Net income climbed to 35.8 billion rupees (Us$474mil) in the latest quarter from 8.4 billion rupees a year earlier.

This pushed SBI shares up as much as 9% yesterday, the most since March.

“We have cleaned up the balance sheet so much that nothing remains to be cleaned,” said SBI Chairman Rajnish Kumar.

The bank set aside 135 billion rupees in provisions, down from 165 billion rupees a year earlier.

Kumar said he doesn’t expect more than another 2% of loans to turn sour, having “accounted for elevated credit cost.”

Kumar’s confidence contrasts with the bleak outlook for many Indian banks.

The banks, it is said, face a spike in bad loans as an extended lockdown on the economy shutters businesses and leaves millions jobless.

Neverthele­ss, Kumar warned that future bad loan recoveries will be slow.

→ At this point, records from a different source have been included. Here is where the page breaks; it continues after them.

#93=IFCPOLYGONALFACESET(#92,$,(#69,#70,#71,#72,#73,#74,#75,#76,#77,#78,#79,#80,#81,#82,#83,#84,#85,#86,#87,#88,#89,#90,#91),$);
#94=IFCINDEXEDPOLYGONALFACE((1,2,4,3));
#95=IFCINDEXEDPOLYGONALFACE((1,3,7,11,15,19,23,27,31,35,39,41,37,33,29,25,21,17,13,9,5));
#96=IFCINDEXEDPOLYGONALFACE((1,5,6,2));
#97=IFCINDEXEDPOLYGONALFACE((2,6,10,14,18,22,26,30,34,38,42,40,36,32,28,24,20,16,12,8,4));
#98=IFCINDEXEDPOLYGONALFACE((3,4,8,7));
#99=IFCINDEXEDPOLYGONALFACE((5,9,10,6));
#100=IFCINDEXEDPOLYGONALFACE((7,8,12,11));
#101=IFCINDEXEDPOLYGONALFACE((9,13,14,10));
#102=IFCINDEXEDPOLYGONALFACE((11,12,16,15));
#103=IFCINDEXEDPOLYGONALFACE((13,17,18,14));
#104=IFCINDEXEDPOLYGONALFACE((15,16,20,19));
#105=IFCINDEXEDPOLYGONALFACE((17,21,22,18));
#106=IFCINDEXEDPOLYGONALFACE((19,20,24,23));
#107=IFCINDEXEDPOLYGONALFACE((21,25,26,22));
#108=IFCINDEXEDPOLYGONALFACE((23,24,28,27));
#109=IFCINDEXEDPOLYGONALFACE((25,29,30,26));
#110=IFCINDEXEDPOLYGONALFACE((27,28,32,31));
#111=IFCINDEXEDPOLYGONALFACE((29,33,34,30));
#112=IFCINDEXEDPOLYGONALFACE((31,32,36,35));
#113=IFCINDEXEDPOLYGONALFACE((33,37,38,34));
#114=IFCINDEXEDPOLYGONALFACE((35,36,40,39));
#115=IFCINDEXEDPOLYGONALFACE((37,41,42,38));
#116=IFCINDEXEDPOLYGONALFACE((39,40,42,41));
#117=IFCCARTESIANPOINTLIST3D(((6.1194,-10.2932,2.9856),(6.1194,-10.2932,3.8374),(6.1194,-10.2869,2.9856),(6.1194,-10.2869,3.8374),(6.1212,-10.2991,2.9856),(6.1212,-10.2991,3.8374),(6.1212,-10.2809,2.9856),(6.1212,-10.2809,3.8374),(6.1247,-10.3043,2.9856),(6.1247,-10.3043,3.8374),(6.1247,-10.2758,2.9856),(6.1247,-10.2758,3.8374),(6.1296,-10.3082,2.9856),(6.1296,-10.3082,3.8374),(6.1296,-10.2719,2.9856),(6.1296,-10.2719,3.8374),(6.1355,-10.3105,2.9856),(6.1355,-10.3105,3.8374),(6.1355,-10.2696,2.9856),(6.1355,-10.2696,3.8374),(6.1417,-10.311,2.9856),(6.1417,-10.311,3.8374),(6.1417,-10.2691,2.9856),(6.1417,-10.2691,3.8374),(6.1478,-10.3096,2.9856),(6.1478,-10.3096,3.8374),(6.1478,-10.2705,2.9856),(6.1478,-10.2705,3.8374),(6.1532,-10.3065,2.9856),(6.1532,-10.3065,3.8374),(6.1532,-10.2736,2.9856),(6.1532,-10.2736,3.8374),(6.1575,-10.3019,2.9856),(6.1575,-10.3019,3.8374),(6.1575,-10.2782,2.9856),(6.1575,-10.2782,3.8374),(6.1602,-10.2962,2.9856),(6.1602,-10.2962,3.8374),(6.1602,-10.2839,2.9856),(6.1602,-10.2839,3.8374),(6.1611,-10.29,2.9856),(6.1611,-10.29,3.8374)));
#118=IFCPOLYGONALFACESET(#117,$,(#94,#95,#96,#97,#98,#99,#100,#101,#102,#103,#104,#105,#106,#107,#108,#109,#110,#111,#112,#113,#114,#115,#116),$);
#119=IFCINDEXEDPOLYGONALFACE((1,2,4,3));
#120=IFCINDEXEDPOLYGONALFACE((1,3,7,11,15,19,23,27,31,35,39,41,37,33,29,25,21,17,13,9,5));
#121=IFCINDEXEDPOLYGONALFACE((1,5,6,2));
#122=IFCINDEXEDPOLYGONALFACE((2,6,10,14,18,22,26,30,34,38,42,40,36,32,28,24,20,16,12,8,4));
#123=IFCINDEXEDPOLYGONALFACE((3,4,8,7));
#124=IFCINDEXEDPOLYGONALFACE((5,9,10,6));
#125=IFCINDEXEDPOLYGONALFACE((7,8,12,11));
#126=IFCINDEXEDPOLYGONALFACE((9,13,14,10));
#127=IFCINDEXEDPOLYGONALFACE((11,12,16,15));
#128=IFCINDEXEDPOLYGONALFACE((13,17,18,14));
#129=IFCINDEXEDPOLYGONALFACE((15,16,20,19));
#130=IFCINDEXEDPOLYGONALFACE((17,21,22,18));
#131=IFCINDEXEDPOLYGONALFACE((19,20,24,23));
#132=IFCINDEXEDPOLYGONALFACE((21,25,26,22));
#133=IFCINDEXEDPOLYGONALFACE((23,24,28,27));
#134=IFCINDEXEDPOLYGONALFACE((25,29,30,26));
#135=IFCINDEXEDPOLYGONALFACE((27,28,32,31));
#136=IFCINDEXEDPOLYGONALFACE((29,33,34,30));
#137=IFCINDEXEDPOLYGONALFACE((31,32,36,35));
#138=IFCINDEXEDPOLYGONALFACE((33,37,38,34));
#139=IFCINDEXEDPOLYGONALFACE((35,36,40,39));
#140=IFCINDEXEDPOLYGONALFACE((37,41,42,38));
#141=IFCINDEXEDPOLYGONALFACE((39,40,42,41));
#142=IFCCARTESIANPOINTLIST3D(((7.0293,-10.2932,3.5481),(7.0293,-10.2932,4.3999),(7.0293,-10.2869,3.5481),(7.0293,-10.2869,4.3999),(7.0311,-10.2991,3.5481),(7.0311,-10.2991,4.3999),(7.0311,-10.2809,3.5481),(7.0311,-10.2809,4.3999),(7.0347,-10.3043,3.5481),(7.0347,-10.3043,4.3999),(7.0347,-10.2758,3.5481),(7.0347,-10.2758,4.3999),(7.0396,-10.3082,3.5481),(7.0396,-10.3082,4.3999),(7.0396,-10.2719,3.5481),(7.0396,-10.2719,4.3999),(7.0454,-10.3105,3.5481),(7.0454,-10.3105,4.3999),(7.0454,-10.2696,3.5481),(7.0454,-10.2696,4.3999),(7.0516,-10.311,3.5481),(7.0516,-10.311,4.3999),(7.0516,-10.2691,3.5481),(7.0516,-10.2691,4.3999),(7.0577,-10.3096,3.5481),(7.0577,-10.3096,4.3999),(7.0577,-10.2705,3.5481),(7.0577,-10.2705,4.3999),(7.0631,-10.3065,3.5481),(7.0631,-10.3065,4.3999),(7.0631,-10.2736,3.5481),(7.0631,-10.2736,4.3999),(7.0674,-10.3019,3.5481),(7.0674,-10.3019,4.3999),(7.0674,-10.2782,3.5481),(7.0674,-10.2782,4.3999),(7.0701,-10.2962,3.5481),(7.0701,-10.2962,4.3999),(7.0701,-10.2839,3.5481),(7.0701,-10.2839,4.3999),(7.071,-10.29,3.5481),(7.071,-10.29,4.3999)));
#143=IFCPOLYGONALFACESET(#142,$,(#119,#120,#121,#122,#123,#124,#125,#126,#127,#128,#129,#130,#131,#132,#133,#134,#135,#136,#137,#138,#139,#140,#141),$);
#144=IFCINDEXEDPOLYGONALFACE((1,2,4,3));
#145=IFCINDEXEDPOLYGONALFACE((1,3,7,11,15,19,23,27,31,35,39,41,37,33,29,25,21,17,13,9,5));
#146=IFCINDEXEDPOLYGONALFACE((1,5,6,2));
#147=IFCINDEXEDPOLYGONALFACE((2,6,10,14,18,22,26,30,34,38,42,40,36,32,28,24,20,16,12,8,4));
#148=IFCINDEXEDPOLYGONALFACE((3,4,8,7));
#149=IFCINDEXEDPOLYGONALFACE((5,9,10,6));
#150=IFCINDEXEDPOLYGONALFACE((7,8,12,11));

This is due to the added leeway given to Indian companies for making loan repayments and avoiding bankruptcy proceeding­s.

SBI’S bad loan recovery was 25.3 billion rupees in the latest quarter, down from 135.5 billion rupees in the three months to Dec 31.

The bank expects loan growth to stay muted around 7%-8% in the current fiscal year.

However, that would be above credit growth of 5.6% in the year ended March.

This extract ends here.